Thoughts again turned to Geneen when I read Rachel Sanderson's superbly reported and written Nov. 27th Financial Times profile of Michele Ferrero (pictured), patriarch of the Italian confectionary company that is in the mix over possibly bidding for Cadbury. Take note of this passage from Sanderson's story:

"He is still busy. Ferrero's latest invention is a dessert tasting of Sicilian lemons called Gran Soleil which, when put in the freezer and shaken, turns into a kind of ice cream. It was designed to be easily transported in China, India and Africa. In a rare interview, Mr. Ferrero told local journalists: 'You'll see, in 50 years time it will be as big as Nutella' " (another Ferrero invention).

What's so striking about that? Simply this: here is a company leader now in his 85th year (he was born in 1925, according to the FT article) doing some product line projecting five decades into the future. Is this not the rarest sighting in business today — a long-term thinker?

What's the Geneen connection? You'll readily see it in this anecdote told by David J. Mahoney, an impressive leader himself of the old Norton Simon Inc. juggernaut, who counted the ITT master builder among his most important influences. In an excerpt that I published from his memoir, Mahoney wrote of Geneen: "[He] always taught me to look forward. When I complained that a certain project would not pay out for 10 years, he replied, 'Yes, but it will pay out in 12.' He was 77 at the time."

Monday, February 16, 2009

Lesser Lights


I got a chuckle out of the Wall Street Journal's recent report on a mishap at a brokerage industry conference in Palm Beach, Fla. During a presentation on hedge funds, a power failure plunged the hotel into darkness. Quipped the WSJ, "The lights are going out all over hedgeland — literally."

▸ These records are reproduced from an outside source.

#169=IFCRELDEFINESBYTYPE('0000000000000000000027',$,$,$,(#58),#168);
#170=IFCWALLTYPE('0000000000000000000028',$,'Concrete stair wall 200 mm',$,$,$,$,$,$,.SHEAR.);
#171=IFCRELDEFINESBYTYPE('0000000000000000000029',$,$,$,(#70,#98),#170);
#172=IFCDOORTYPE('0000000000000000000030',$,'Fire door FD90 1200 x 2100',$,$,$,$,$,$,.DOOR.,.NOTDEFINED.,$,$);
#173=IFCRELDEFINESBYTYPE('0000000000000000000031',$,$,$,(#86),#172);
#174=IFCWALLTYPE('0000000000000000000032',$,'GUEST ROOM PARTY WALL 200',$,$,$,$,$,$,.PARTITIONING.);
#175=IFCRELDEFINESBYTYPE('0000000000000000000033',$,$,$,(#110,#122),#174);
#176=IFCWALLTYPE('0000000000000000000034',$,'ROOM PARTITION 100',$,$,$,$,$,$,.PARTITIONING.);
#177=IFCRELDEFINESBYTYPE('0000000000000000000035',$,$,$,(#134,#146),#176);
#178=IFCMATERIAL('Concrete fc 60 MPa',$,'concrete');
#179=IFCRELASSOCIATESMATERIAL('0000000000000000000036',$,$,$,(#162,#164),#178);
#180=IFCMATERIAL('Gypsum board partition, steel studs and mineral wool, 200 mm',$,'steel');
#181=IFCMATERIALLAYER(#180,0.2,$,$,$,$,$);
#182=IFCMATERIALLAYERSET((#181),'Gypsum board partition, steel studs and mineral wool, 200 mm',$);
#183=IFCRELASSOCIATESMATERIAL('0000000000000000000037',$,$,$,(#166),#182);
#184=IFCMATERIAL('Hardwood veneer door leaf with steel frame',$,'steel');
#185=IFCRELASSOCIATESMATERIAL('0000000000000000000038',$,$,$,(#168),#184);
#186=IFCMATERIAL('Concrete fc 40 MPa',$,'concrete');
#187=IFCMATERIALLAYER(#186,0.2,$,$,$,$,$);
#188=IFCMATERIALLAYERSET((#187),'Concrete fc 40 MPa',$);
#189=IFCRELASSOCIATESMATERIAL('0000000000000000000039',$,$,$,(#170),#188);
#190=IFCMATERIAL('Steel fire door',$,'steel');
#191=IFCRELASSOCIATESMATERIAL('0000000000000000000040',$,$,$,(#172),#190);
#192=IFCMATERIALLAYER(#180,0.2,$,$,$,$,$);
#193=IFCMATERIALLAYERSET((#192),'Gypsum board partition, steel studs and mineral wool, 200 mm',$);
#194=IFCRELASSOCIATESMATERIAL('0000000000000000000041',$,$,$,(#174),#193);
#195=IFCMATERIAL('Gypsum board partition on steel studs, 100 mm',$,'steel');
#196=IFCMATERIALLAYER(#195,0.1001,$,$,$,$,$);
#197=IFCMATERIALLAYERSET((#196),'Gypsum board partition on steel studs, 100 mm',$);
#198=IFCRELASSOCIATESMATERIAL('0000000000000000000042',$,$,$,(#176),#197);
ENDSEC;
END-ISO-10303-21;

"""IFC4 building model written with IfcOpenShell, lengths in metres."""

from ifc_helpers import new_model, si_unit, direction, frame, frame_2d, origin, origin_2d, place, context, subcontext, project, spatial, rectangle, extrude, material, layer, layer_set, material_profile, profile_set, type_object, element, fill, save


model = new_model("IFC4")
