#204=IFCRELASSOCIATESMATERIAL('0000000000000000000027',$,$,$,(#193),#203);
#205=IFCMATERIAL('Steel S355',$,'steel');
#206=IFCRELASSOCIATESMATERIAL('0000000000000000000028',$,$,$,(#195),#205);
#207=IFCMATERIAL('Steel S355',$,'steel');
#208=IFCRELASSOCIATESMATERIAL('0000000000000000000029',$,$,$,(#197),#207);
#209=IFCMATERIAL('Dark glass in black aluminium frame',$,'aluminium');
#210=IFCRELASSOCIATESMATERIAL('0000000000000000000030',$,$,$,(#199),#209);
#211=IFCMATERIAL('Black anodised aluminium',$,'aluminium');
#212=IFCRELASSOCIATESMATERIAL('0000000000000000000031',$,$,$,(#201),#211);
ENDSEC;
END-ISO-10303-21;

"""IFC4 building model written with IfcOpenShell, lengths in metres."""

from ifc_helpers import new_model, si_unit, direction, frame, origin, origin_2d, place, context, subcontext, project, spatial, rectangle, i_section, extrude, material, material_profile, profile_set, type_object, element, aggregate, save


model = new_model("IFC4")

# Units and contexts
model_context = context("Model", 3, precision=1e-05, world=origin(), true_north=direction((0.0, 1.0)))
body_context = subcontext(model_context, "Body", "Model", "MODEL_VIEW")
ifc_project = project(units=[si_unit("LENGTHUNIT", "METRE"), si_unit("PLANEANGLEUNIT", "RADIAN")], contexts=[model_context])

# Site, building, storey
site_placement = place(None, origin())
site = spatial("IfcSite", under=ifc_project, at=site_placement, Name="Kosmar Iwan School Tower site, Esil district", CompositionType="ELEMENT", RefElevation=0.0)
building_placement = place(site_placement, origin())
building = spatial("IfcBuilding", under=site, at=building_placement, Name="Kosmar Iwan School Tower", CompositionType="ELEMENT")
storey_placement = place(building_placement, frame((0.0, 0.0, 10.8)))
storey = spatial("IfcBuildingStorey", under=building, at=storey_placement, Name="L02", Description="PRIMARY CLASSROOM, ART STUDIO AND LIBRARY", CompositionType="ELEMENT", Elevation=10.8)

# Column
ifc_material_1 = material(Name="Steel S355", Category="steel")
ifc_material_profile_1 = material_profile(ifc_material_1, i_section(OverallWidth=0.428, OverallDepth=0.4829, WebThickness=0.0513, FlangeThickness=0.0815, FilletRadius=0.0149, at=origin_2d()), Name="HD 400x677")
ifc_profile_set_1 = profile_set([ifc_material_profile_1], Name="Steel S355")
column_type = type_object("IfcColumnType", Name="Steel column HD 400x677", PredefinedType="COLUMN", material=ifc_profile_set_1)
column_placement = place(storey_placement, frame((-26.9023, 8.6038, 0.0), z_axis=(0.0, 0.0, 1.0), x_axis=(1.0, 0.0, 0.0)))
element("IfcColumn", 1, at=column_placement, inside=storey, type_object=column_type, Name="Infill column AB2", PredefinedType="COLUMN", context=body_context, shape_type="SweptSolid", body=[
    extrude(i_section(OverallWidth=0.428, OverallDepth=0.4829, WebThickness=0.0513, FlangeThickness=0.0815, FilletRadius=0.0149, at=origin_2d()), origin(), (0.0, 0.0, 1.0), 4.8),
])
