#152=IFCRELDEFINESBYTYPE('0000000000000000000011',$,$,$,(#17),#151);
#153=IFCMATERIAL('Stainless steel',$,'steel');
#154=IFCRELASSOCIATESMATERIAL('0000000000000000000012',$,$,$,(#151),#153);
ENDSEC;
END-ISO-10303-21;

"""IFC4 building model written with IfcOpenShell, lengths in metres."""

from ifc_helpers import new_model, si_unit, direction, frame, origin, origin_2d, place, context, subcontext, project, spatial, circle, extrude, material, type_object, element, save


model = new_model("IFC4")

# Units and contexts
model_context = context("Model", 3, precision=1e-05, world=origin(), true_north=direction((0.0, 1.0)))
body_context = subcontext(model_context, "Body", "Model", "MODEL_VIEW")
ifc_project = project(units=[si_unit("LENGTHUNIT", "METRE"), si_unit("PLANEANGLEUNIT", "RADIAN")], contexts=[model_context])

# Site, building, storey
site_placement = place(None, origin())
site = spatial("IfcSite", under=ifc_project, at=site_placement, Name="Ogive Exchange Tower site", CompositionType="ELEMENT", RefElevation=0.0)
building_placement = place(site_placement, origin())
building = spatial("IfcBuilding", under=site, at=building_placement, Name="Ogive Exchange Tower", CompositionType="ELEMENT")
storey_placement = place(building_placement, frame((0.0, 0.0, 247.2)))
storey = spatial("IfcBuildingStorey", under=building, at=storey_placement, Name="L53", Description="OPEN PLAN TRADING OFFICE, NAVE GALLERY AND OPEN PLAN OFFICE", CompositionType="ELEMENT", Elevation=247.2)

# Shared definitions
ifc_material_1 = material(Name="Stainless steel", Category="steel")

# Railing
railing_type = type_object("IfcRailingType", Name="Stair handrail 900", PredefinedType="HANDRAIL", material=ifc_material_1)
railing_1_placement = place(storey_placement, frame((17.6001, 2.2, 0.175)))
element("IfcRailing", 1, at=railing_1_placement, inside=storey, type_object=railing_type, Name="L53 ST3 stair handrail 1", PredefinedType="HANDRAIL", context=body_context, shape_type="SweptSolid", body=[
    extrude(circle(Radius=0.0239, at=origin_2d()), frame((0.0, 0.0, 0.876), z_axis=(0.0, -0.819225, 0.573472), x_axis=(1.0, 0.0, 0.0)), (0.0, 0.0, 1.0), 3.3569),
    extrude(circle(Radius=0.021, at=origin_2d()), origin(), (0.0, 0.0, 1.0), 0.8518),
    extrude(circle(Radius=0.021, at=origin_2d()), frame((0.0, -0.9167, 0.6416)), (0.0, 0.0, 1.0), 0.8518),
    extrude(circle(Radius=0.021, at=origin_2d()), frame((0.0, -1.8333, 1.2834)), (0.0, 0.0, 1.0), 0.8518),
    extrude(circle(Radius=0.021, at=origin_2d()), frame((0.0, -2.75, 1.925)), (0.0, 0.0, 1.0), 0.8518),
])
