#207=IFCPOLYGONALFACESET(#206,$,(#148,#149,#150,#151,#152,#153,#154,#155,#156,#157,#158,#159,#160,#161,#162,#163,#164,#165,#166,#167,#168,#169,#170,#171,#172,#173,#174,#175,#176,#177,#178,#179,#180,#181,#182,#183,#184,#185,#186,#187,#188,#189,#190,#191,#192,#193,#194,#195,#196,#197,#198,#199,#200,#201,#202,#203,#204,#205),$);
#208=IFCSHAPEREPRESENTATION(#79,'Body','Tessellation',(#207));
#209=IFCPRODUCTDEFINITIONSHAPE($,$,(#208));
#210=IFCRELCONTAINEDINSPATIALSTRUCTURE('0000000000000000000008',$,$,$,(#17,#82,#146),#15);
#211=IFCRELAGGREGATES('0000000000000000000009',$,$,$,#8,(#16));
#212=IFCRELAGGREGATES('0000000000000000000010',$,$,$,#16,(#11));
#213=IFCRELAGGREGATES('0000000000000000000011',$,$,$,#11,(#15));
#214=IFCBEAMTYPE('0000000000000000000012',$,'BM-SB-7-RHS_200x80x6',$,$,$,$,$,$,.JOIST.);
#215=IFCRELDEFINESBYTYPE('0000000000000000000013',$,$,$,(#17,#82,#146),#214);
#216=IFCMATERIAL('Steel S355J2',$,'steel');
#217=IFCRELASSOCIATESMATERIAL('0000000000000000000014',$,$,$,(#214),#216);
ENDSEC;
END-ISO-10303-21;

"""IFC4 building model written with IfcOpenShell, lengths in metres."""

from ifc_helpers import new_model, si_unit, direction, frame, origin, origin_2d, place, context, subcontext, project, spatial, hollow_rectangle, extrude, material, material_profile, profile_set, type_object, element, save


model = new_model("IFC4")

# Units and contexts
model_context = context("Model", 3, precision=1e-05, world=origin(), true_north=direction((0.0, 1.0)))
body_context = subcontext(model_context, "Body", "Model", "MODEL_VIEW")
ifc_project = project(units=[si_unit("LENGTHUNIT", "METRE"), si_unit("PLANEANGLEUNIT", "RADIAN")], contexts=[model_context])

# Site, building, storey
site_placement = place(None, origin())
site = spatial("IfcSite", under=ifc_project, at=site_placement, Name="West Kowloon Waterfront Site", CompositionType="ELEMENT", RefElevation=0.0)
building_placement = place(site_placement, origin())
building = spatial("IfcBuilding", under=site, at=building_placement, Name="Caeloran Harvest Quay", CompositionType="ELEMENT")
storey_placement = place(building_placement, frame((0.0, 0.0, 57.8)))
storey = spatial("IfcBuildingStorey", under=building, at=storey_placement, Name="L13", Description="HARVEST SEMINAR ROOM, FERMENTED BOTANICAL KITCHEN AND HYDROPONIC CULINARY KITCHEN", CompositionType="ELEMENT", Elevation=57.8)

It reminded me of my favorite anecdote about Harold Geneen (pictured), the legendary head of ITT Corp. during its uber-conglomerate decades of the 1960s through the 1970s.

The notoriously exacting CEO was holding court in Brussels with a group of his European managers. The lights in the room began flickering. Since it was 2 a.m. and the meeting was showing no signs of ending, one of the executives piped up, "You see, even the lights are getting tired."

Snapped Geneen: "Only the lesser lights."

When I look around at the havoc being wreaked by this recession, all I can think of is that this is the handiwork of lesser lights – from Wall Street to Main Street to Washington, from trading floors to boardrooms to Congressional offices. 

On this President's Day, a day when we honor profound leadership, here is a call to those now in power in the aforementioned boardrooms: Turn the lights out on any lesser lights in your midst. That means firming up the talent both on the board itself and in the senior management ranks. The challenge ahead is just too daunting to do otherwise.